Blue Shield of California is paying $2 million to settle allegations that it improperly stopped covering members when they became sick and required expensive treatment.
The insurer decided to settle a 2008 suit, in which the Los Angeles City Attorney's Office alleged Blue Shield's recission practices led to more than 1,000 members losing their coverage to avoid the continuing litigation costs, the Los Angeles Times reports.

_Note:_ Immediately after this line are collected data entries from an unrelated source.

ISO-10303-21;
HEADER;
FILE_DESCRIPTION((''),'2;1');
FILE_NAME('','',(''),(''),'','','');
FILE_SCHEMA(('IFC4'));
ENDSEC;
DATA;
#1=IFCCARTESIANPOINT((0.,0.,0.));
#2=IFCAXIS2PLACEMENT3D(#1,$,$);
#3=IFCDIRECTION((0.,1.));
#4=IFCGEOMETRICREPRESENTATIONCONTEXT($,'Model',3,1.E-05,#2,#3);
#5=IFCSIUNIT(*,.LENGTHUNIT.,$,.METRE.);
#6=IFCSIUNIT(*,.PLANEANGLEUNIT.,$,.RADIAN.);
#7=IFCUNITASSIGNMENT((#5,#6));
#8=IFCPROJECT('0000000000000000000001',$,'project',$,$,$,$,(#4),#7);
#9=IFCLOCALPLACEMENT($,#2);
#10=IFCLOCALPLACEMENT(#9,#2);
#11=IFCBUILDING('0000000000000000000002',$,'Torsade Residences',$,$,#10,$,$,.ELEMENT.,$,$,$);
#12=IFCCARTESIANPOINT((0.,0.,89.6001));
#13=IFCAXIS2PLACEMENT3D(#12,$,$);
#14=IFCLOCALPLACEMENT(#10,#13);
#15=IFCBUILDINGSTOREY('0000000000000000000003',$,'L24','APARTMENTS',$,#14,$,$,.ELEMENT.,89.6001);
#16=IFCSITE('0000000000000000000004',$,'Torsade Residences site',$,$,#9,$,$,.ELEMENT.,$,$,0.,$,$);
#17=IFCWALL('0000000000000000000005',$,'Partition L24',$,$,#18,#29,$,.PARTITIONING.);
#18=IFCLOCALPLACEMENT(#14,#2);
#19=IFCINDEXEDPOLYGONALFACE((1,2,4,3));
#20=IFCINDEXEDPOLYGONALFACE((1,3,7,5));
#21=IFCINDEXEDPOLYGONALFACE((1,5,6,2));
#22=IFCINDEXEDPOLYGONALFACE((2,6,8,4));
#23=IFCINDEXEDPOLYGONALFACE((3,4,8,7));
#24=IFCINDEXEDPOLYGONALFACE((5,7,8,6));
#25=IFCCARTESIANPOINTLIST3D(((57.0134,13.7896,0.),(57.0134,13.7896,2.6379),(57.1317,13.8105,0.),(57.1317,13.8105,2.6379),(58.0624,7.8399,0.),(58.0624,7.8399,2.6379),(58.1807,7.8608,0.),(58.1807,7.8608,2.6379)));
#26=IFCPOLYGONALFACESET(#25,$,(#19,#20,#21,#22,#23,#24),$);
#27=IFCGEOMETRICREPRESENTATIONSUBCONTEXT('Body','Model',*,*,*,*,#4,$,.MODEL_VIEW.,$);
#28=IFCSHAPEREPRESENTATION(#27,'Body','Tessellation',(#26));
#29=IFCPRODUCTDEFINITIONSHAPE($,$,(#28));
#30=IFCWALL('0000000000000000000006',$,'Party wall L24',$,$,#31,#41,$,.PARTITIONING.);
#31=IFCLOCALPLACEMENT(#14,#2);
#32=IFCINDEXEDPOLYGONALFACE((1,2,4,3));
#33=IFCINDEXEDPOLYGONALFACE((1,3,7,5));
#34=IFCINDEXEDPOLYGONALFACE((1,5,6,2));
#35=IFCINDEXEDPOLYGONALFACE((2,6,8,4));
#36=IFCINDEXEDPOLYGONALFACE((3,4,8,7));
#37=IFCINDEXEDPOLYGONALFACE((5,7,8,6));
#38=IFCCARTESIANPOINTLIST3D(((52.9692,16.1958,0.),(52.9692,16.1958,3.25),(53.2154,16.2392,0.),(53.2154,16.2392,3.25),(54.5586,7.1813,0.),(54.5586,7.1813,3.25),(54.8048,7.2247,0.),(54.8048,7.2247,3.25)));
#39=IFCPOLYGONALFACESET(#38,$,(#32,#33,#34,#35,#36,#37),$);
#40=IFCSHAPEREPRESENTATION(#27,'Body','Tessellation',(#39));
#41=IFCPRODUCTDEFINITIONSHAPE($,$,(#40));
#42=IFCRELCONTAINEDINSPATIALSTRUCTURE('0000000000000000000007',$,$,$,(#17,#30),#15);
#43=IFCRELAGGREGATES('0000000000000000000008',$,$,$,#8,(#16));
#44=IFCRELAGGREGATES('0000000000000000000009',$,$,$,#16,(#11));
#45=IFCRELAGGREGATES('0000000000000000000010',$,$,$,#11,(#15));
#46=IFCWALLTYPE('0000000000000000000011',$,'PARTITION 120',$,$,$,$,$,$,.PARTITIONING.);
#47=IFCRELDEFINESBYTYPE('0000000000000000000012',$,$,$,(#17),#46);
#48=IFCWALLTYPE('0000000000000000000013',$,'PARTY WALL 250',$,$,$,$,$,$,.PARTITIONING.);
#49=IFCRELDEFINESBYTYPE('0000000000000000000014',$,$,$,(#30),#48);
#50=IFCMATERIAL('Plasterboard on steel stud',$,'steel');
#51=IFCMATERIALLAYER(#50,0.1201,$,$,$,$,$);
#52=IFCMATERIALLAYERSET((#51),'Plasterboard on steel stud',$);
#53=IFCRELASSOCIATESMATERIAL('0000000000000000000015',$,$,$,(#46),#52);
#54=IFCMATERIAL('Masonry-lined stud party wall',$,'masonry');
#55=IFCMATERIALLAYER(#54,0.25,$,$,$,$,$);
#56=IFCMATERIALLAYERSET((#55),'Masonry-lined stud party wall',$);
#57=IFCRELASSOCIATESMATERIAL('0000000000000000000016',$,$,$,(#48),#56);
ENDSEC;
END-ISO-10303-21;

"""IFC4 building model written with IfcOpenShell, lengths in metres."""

from ifc_helpers import new_model, si_unit, direction, frame, frame_2d, origin, place, context, subcontext, project, spatial, rectangle, extrude, material, layer, layer_set, type_object, element, save


model = new_model("IFC4")

# Units and contexts
model_context = context("Model", 3, precision=1e-05, world=origin(), true_north=direction((0.0, 1.0)))
body_context = subcontext(model_context, "Body", "Model", "MODEL_VIEW")
ifc_project = project(units=[si_unit("LENGTHUNIT", "METRE"), si_unit("PLANEANGLEUNIT", "RADIAN")], contexts=[model_context])

# Site, building, storey
site_placement = place(None, origin())
site = spatial("IfcSite", under=ifc_project, at=site_placement, Name="Torsade Residences site", CompositionType="ELEMENT", RefElevation=0.0)
building_placement = place(site_placement, origin())
building = spatial("IfcBuilding", under=site, at=building_placement, Name="Torsade Residences", CompositionType="ELEMENT")
storey_placement = place(building_placement, frame((0.0, 0.0, 89.6001)))
storey = spatial("IfcBuildingStorey", under=building, at=storey_placement, Name="L24", Description="APARTMENTS", CompositionType="ELEMENT", Elevation=89.6001)

# Shared definitions
ifc_material_1 = material(Name="Plasterboard on steel stud", Category="steel")
ifc_layer_1 = layer(ifc_material_1, 0.1201)
ifc_layer_set_1 = layer_set([ifc_layer_1], Name="Plasterboard on steel stud")
wall_type_1 = type_object("IfcWallType", Name="PARTITION 120", PredefinedType="PARTITIONING", material=ifc_layer_set_1)

# Walls
wall_1_placement = place(storey_placement, frame((58.1216, 7.8503, 0.0), z_axis=(0.0, 0.0, 1.0), x_axis=(-0.173645, 0.984808, 0.0)))
element("IfcWall", 1, at=wall_1_placement, inside=storey, type_object=wall_type_1, Name="Partition L24", PredefinedType="PARTITIONING", context=body_context, shape_type="SweptSolid", body=[
    extrude(rectangle(XDim=6.0415, YDim=0.1201, at=frame_2d((3.0208, 0.0))), origin(), (0.0, 0.0, 1.0), 2.6379),
])
ifc_material_2 = material(Name="Masonry-lined stud party wall", Category="masonry")
ifc_layer_2 = layer(ifc_material_2, 0.25)
ifc_layer_set_2 = layer_set([ifc_layer_2], Name="Masonry-lined stud party wall")
wall_type_2 = type_object("IfcWallType", Name="PARTY WALL 250", PredefinedType="PARTITIONING", material=ifc_layer_set_2)
wall_2_placement = place(storey_placement, frame((54.6816, 7.2031, 0.0), z_axis=(0.0, 0.0, 1.0), x_axis=(-0.17363, 0.984811, 0.0)))
element("IfcWall", 2, at=wall_2_placement, inside=storey, type_object=wall_type_2, Name="Party wall L24", PredefinedType="PARTITIONING", context=body_context, shape_type="SweptSolid", body=[
    extrude(rectangle(XDim=9.1536, YDim=0.25, at=frame_2d((4.5767, 0.0))), origin(), (0.0, 0.0, 1.0), 3.25),
])

save(model, "model.ifc")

Under the settlement, Blue Shield is banned from rescinding coverage unless it can prove someone committed fraud or misrepresented health facts on an insurance application. It also bans Blue Shield rescission investigators from receiving commissions based on the number of rescissions they issue. Reviewers still can receive bonuses for efficient investigations, according to the Contra Costa Times.
The settlement also requires Blue Shield to submit a revised health insurance application form that includes specific language, the LA Times notes.
Blue Shield noted that, despite settling the lawsuit, it accepts no blame or wrongdoing related to the recission accusations, reports the Associated Press.
"Our process meets or exceeds all legal and regulatory requirements," Blue Shield spokesperson Steve Shivinsky said. "In every instance, we provide immediate notice, ensure multiple layers of review, involve a medical director in the decision, give members an opportunity to provide additional information before we take any action, and follow the guidance of an independent third party review."